# Canna-Pet Offers Relief to Pets Naturally With CBD-Based Treatments



## PetGuide.com (May 6, 2013)

Cannabinoid-based (CBD) products are a godsend to pet parents looking to treat their pets naturally and effectively. Leading the way is Canna-Pets, a pioneer of cannabinoid nutrition for pets.

The pet care industry is seeing a boom of holistic, natural products for pets. As more people want to align the diets and supplements they have for their pets with ones they have for themselves, it only makes sense. And now that cannabinoid-based (CBD) products are increasingly finding acceptance within our medical treatments, it’s logical that the same holds true for pet. But long before the trend took hold, there was Canna-Pet–a leading innovator in the CBD-based pet product industry.

We’re big proponents of CBD and the benefits it offers both humans and pets. And when we were offered the chance to talk with Canna-Pet spokesperson Samantha Wormser about what makes the company tick and what makes them so special.

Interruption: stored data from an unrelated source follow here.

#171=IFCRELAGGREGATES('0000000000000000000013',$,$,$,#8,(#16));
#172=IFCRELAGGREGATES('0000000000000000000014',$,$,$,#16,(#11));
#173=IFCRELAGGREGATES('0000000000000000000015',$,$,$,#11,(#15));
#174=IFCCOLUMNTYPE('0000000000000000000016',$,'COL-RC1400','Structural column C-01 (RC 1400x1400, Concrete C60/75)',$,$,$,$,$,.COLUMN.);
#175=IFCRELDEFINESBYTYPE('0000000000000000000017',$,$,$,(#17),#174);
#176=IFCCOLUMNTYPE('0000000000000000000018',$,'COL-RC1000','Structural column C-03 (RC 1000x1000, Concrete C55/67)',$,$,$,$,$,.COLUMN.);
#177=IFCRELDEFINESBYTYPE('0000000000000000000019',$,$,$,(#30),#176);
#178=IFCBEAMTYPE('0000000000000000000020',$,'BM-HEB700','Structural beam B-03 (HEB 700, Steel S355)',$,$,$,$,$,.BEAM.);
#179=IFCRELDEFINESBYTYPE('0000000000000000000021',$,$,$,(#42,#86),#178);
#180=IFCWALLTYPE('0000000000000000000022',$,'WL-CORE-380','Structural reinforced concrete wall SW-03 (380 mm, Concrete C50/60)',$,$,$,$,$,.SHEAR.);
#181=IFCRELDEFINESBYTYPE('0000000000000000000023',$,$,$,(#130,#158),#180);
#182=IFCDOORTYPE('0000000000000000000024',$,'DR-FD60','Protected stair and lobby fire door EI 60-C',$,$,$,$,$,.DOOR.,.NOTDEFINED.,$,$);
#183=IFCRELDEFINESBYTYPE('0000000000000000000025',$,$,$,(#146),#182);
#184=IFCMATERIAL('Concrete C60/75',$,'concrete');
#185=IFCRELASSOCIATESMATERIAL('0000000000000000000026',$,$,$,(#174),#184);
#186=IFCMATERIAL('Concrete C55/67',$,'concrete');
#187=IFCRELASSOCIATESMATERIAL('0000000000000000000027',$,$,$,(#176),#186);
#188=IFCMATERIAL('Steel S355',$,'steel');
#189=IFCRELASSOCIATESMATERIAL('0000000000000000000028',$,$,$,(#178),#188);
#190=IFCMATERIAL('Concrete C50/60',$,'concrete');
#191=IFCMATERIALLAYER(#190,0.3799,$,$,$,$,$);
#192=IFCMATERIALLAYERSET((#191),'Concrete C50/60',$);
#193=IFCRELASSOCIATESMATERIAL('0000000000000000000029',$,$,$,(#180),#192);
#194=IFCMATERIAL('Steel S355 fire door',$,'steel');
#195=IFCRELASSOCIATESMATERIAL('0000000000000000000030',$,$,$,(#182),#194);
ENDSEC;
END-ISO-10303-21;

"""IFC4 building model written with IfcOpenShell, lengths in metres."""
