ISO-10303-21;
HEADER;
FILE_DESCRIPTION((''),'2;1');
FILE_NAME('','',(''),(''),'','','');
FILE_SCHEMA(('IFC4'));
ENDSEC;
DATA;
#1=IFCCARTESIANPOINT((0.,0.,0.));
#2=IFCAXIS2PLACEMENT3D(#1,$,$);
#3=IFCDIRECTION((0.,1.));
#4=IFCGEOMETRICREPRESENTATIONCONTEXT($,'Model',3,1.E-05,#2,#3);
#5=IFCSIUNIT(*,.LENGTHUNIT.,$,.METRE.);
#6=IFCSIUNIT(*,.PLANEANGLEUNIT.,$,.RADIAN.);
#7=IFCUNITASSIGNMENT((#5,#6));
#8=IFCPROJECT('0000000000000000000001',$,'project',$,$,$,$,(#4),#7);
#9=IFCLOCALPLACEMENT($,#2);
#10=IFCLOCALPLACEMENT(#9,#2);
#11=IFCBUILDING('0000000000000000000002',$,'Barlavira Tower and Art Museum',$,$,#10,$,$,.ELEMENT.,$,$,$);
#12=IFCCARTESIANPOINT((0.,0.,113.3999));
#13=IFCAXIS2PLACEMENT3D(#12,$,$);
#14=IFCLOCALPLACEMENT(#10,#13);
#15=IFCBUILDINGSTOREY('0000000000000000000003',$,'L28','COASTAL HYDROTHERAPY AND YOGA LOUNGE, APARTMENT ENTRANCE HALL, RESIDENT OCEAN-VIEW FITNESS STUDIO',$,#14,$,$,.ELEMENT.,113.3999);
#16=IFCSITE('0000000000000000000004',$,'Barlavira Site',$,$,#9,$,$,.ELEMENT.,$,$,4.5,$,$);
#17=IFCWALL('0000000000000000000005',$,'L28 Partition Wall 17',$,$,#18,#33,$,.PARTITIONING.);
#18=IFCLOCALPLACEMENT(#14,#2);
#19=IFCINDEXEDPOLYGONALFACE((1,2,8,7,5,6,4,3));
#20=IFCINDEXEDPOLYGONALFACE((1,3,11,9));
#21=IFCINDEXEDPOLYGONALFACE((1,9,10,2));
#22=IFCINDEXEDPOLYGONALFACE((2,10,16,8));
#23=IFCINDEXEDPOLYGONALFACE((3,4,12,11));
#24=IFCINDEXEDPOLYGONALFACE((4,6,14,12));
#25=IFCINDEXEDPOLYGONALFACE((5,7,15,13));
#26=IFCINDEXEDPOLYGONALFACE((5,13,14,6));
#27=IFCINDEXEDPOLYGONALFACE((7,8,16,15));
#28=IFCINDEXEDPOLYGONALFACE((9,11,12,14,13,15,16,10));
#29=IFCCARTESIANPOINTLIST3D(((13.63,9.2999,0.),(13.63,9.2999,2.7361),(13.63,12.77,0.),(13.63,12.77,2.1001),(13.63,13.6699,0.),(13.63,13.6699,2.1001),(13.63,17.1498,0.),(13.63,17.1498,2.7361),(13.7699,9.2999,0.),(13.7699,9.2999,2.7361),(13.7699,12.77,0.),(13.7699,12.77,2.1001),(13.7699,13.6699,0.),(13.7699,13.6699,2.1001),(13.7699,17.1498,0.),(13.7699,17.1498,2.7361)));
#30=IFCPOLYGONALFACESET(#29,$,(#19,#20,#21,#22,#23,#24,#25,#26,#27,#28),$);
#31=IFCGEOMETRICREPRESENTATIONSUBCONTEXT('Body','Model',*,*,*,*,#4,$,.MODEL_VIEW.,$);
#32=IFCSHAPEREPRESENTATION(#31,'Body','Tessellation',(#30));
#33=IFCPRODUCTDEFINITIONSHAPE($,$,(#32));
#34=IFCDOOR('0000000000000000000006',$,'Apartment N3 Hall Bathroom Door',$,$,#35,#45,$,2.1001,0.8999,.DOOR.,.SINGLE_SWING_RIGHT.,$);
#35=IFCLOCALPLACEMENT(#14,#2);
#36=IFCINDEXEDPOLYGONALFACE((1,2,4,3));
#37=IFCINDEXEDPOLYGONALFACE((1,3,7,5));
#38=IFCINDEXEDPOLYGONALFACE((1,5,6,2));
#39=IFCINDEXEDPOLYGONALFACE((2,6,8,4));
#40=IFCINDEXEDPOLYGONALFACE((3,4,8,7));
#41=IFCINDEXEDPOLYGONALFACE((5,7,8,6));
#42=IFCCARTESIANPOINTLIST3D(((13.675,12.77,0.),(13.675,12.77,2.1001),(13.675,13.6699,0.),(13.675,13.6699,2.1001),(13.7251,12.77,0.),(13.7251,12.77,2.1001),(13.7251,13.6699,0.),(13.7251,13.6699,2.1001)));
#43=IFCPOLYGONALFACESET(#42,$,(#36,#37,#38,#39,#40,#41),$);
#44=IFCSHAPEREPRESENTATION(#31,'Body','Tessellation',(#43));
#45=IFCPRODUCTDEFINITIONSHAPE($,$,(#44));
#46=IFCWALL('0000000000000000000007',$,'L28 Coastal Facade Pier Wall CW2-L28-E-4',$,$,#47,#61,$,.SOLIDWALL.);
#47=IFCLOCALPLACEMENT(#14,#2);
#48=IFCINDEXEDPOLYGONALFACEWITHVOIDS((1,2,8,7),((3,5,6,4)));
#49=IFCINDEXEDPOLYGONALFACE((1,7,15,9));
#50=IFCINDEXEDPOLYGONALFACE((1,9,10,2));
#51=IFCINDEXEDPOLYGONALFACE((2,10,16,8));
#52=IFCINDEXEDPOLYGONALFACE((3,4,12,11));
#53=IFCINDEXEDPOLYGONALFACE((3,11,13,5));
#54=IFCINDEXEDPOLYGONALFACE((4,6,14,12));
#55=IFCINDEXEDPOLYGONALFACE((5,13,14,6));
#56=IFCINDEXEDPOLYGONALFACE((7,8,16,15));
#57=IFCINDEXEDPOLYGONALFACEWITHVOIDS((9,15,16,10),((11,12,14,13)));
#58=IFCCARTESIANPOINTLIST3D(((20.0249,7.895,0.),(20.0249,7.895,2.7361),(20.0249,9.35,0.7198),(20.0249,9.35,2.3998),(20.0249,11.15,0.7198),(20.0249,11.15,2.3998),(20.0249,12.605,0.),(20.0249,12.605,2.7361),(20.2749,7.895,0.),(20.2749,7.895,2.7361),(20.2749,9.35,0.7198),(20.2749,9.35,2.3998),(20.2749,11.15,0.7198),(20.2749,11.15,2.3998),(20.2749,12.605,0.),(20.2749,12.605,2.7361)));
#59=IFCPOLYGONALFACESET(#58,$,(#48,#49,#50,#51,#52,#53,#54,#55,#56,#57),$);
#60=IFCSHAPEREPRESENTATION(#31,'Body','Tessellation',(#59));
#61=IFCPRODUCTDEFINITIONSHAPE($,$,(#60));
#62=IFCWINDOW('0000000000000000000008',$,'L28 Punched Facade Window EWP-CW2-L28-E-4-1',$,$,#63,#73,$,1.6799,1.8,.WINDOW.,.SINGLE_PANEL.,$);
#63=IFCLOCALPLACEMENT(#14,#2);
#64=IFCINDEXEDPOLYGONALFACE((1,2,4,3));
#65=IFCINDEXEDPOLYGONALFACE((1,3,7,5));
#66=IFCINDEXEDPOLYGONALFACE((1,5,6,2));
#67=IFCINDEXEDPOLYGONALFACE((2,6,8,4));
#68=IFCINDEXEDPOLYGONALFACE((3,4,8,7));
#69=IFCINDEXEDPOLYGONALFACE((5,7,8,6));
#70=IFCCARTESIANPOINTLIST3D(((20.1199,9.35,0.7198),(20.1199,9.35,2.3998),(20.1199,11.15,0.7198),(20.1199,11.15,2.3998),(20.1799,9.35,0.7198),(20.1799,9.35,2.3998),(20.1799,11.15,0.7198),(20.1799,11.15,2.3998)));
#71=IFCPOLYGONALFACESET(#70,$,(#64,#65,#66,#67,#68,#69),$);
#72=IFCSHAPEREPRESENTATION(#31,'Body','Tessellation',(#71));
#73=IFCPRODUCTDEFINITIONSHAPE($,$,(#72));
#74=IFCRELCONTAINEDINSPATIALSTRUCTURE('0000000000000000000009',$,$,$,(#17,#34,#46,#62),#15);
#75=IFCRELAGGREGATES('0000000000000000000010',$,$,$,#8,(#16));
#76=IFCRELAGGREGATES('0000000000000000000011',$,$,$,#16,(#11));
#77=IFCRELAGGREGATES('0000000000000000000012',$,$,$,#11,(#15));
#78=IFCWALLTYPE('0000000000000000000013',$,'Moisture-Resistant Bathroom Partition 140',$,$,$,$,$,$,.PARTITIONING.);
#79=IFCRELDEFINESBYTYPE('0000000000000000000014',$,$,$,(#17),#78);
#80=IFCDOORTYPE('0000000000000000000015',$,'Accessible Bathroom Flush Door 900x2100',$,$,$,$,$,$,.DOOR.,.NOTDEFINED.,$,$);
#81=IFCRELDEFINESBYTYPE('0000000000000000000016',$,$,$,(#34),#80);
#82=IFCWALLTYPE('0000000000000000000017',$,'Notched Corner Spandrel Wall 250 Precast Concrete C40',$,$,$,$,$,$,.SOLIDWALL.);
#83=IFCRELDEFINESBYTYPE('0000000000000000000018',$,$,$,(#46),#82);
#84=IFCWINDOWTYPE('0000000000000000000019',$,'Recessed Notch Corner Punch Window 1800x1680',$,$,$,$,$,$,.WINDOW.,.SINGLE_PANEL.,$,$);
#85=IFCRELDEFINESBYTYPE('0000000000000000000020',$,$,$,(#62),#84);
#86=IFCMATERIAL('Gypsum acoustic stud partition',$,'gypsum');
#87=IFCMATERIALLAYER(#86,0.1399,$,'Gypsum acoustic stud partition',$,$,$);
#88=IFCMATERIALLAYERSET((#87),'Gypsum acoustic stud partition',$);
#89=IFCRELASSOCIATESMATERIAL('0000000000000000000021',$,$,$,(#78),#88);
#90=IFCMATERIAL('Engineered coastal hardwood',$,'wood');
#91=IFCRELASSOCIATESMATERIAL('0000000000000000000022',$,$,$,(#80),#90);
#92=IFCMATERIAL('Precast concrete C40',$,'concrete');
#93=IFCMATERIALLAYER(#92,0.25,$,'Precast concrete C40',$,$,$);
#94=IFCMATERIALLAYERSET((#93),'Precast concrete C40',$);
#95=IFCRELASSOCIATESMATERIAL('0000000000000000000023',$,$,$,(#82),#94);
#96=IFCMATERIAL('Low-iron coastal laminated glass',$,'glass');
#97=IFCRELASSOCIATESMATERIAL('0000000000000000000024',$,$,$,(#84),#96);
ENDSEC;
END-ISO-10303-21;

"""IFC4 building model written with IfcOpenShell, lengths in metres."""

from ifc_helpers import new_model, si_unit, direction, frame, frame_2d, origin, place, context, subcontext, project, spatial, rectangle, extrude, material, layer, layer_set, type_object, element, fill, save


model = new_model("IFC4")

# Units and contexts
model_context = context("Model", 3, precision=1e-05, world=origin(), true_north=direction((0.0, 1.0)))
body_context = subcontext(model_context, "Body", "Model", "MODEL_VIEW")
ifc_project = project(units=[si_unit("LENGTHUNIT", "METRE"), si_unit("PLANEANGLEUNIT", "RADIAN")], contexts=[model_context])

# Site, building, storey
site_placement = place(None, origin())
site = spatial("IfcSite", under=ifc_project, at=site_placement, Name="Barlavira Site", CompositionType="ELEMENT", RefElevation=4.5)
building_placement = place(site_placement, origin())
building = spatial("IfcBuilding", under=site, at=building_placement, Name="Barlavira Tower and Art Museum", CompositionType="ELEMENT")
storey_placement = place(building_placement, frame((0.0, 0.0, 113.3999)))
storey = spatial("IfcBuildingStorey", under=building, at=storey_placement, Name="L28", Description="COASTAL HYDROTHERAPY AND YOGA LOUNGE, APARTMENT ENTRANCE HALL, RESIDENT OCEAN-VIEW FITNESS STUDIO", CompositionType="ELEMENT", Elevation=113.3999)

# Shared definitions
ifc_material_1 = material(Name="Low-iron coastal laminated glass", Category="glass")

# Shared definitions
ifc_material_2 = material(Name="Gypsum acoustic stud partition", Category="gypsum")
ifc_material_3 = material(Name="Engineered coastal hardwood", Category="wood")

# Wall, opening, door
ifc_layer_1 = layer(ifc_material_2, 0.1399, Name="Gypsum acoustic stud partition")
ifc_layer_set_1 = layer_set([ifc_layer_1], Name="Gypsum acoustic stud partition")
wall_type_1 = type_object("IfcWallType", Name="Moisture-Resistant Bathroom Partition 140", PredefinedType="PARTITIONING", material=ifc_layer_set_1)
wall_1_placement = place(storey_placement, frame((13.7, 9.3, 0.0), z_axis=(0.0, 0.0, 1.0), x_axis=(0.0, 1.0, 0.0)))
wall_1 = element("IfcWall", 1, at=wall_1_placement, inside=storey, type_object=wall_type_1, Name="L28 Partition Wall 17", PredefinedType="PARTITIONING", context=body_context, shape_type="SweptSolid", body=[
    extrude(rectangle(XDim=7.8499, YDim=0.1399, at=frame_2d((3.9248, 0.0))), origin(), (0.0, 0.0, 1.0), 2.7361),
])
opening_1_placement = place(wall_1_placement, frame((3.47, 0.0, 0.0)))
opening_1 = element("IfcOpeningElement", 2, at=opening_1_placement, cuts=wall_1, PredefinedType="OPENING", context=body_context, shape_type="SweptSolid", body=[
    extrude(rectangle(XDim=0.8999, YDim=2.1001, at=frame_2d((0.45, 1.05))), frame((0.0, 0.0801, 0.0), z_axis=(0.0, -1.0, 0.0), x_axis=(1.0, 0.0, 0.0)), (0.0, 0.0, 1.0), 0.1599),
])
door_type_1 = type_object("IfcDoorType", Name="Accessible Bathroom Flush Door 900x2100", OperationType="NOTDEFINED", PredefinedType="DOOR", material=ifc_material_3)
door_1_placement = place(opening_1_placement, origin())
door_1 = element("IfcDoor", 3, at=door_1_placement, inside=storey, type_object=door_type_1, Name="Apartment N3 Hall Bathroom Door", OperationType="SINGLE_SWING_RIGHT", OverallHeight=2.1001, OverallWidth=0.8999, PredefinedType="DOOR", context=body_context, shape_type="SweptSolid", body=[
    extrude(rectangle(XDim=0.8999, YDim=2.1001, at=frame_2d((0.45, 1.05))), frame((0.0, 0.0249, 0.0), z_axis=(0.0, -1.0, 0.0), x_axis=(1.0, 0.0, 0.0)), (0.0, 0.0, 1.0), 0.05),
])
fill(opening_1, door_1)

# Wall, opening, window
ifc_material_4 = material(Name="Precast concrete C40", Category="concrete")
ifc_layer_2 = layer(ifc_material_4, 0.25, Name="Precast concrete C40")
ifc_layer_set_2 = layer_set([ifc_layer_2], Name="Precast concrete C40")
wall_type_2 = type_object("IfcWallType", Name="Notched Corner Spandrel Wall 250 Precast Concrete C40", PredefinedType="SOLIDWALL", material=ifc_layer_set_2)
wall_2_placement = place(storey_placement, frame((20.1499, 7.895, 0.0), z_axis=(0.0, 0.0, 1.0), x_axis=(0.0, 1.0, 0.0)))
wall_2 = element("IfcWall", 4, at=wall_2_placement, inside=storey, type_object=wall_type_2, Name="L28 Coastal Facade Pier Wall CW2-L28-E-4", PredefinedType="SOLIDWALL", context=body_context, shape_type="SweptSolid", body=[
    extrude(rectangle(XDim=4.71, YDim=0.25, at=frame_2d((2.355, 0.0))), origin(), (0.0, 0.0, 1.0), 2.7361),
])
opening_2_placement = place(wall_2_placement, frame((1.4551, 0.0, 0.72)))
opening_2 = element("IfcOpeningElement", 5, at=opening_2_placement, cuts=wall_2, PredefinedType="OPENING", context=body_context, shape_type="SweptSolid", body=[
    extrude(rectangle(XDim=1.8, YDim=1.6799, at=frame_2d((0.8999, 0.8398))), frame((0.0, 0.135, 0.0), z_axis=(0.0, -1.0, 0.0), x_axis=(1.0, 0.0, 0.0)), (0.0, 0.0, 1.0), 0.27),
])
window_type = type_object("IfcWindowType", Name="Recessed Notch Corner Punch Window 1800x1680", PartitioningType="SINGLE_PANEL", PredefinedType="WINDOW", material=ifc_material_1)
window_placement = place(opening_2_placement, origin())
window = element("IfcWindow", 6, at=window_placement, inside=storey, type_object=window_type, Name="L28 Punched Facade Window EWP-CW2-L28-E-4-1", OverallHeight=1.6799, OverallWidth=1.8, PartitioningType="SINGLE_PANEL", PredefinedType="WINDOW", context=body_context, shape_type="SweptSolid", body=[
    extrude(rectangle(XDim=1.8, YDim=1.6799, at=frame_2d((0.8999, 0.8398))), frame((0.0, 0.03, 0.0), z_axis=(0.0, -1.0, 0.0), x_axis=(1.0, 0.0, 0.0)), (0.0, 0.0, 1.0), 0.0601),
])
fill(opening_2, window)

save(model, "model.ifc")
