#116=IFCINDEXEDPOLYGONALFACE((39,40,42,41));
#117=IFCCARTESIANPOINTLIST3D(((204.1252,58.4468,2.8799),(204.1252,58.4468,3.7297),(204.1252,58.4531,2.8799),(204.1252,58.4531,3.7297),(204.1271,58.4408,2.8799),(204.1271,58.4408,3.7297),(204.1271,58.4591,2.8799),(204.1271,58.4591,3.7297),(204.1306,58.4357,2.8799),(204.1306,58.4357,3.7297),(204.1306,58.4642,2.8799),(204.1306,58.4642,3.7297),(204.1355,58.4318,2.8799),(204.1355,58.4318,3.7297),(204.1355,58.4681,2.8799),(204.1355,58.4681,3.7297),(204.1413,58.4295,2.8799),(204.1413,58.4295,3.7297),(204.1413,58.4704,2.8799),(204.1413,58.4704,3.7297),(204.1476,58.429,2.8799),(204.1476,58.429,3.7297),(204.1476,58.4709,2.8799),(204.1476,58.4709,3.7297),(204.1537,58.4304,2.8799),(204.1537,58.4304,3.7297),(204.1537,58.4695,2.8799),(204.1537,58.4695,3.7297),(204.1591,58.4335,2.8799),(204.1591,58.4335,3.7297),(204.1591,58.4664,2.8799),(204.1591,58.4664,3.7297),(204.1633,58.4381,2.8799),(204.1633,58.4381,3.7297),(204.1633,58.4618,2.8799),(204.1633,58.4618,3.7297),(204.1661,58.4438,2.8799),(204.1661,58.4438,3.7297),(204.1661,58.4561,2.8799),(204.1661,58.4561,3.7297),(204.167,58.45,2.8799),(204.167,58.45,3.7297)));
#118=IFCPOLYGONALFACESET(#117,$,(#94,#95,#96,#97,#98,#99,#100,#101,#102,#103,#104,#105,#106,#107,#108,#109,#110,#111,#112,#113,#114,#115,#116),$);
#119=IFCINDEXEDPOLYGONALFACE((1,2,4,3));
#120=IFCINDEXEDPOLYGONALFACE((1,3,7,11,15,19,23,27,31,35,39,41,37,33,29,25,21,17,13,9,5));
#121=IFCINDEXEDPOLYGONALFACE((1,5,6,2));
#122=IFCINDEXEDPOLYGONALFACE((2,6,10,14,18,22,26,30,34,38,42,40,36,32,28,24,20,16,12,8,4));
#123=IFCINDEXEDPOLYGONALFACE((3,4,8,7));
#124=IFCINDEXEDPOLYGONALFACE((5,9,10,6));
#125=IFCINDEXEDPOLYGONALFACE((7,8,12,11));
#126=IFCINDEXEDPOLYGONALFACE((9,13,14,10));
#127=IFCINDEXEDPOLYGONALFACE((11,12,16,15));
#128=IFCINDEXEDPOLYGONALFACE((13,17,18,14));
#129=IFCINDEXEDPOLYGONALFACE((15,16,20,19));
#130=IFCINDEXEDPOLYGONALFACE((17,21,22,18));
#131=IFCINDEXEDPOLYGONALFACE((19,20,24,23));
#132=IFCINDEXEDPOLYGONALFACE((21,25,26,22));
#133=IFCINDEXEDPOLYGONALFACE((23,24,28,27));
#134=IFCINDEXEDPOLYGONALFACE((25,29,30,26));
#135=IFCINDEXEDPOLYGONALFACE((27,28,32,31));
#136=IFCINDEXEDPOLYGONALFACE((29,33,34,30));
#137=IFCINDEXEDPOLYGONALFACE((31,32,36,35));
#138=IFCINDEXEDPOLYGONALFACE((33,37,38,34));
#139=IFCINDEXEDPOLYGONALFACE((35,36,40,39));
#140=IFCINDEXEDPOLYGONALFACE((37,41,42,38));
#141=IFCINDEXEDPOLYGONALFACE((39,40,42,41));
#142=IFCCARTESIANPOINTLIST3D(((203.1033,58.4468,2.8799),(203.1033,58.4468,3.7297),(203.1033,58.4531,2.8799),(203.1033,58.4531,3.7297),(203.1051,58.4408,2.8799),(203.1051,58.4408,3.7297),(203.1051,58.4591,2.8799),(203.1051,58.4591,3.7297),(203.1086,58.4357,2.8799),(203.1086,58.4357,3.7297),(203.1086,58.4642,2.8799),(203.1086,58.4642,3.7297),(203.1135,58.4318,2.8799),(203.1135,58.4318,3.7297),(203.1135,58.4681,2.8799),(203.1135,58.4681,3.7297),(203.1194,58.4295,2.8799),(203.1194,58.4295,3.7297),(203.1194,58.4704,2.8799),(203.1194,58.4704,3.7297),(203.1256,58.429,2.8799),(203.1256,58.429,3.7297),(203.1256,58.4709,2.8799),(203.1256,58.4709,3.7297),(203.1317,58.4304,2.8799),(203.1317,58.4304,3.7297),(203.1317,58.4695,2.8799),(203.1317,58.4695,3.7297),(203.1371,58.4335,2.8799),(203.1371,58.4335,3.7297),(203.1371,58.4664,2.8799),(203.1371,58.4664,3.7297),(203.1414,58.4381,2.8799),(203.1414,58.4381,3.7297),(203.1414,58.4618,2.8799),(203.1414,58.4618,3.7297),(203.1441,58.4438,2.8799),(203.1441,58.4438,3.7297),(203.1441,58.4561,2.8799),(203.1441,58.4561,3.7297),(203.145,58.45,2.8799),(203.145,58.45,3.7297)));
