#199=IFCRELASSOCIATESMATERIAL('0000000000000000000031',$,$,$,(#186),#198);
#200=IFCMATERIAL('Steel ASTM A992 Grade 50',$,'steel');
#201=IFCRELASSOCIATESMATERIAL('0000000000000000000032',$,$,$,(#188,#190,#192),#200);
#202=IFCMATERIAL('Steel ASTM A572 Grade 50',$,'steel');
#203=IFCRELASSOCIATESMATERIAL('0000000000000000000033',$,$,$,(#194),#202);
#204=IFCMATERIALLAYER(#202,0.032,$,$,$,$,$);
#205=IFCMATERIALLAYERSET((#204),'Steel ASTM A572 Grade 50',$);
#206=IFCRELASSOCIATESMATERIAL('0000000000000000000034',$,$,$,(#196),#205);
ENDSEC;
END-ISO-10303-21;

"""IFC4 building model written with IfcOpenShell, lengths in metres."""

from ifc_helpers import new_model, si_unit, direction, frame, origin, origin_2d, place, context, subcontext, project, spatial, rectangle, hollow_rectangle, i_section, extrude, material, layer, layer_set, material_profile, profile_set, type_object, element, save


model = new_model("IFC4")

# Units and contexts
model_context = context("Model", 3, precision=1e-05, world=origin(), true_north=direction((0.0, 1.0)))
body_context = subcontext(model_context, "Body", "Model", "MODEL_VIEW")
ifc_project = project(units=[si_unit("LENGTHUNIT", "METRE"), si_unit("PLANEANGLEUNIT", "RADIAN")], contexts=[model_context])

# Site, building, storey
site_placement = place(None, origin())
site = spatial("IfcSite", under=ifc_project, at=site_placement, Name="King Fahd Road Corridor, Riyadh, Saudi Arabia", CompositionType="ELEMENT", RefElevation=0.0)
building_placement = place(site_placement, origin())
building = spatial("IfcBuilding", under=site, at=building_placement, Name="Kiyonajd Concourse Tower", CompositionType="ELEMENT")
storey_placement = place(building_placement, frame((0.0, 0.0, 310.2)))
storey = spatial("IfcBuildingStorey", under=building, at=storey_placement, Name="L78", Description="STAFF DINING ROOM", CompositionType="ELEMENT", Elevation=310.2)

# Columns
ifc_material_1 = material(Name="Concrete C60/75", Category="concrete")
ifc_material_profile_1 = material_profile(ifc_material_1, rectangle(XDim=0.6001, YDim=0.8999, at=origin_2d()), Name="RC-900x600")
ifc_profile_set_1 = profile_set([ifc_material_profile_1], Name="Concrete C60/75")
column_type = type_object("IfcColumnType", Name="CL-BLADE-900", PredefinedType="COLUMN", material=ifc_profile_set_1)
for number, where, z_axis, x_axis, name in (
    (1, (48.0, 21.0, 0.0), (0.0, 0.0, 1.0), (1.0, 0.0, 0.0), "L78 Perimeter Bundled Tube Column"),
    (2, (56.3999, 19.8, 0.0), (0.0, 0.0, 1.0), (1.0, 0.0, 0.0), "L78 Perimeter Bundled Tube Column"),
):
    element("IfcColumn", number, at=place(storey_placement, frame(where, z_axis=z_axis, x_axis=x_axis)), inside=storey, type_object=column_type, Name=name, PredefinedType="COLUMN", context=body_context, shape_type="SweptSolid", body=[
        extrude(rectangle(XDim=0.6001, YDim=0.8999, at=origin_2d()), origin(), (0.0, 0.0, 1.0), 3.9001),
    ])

*Question: Samantha, often pet parents interested in using CBD products will meet resistance from veterinarians. I had this experience personally when I first mentioned a CBD-based product to a veterinarian friend, who cited a lack of research about efficacy. What are you doing to help remedy that?
*
*Answer*: Canna-Pet, in conjunction with prestigious the Auburn University School of Veterinary Medicine, is working to fill that research gap. Auburn has been using and researching Canna-Pet products for over two years, with great success in many different areas and published research on the horizon. Though our products are recommended by some of the top veterinarians in the country, we realize that vets (and pet owners) want more research on the efficacy of products.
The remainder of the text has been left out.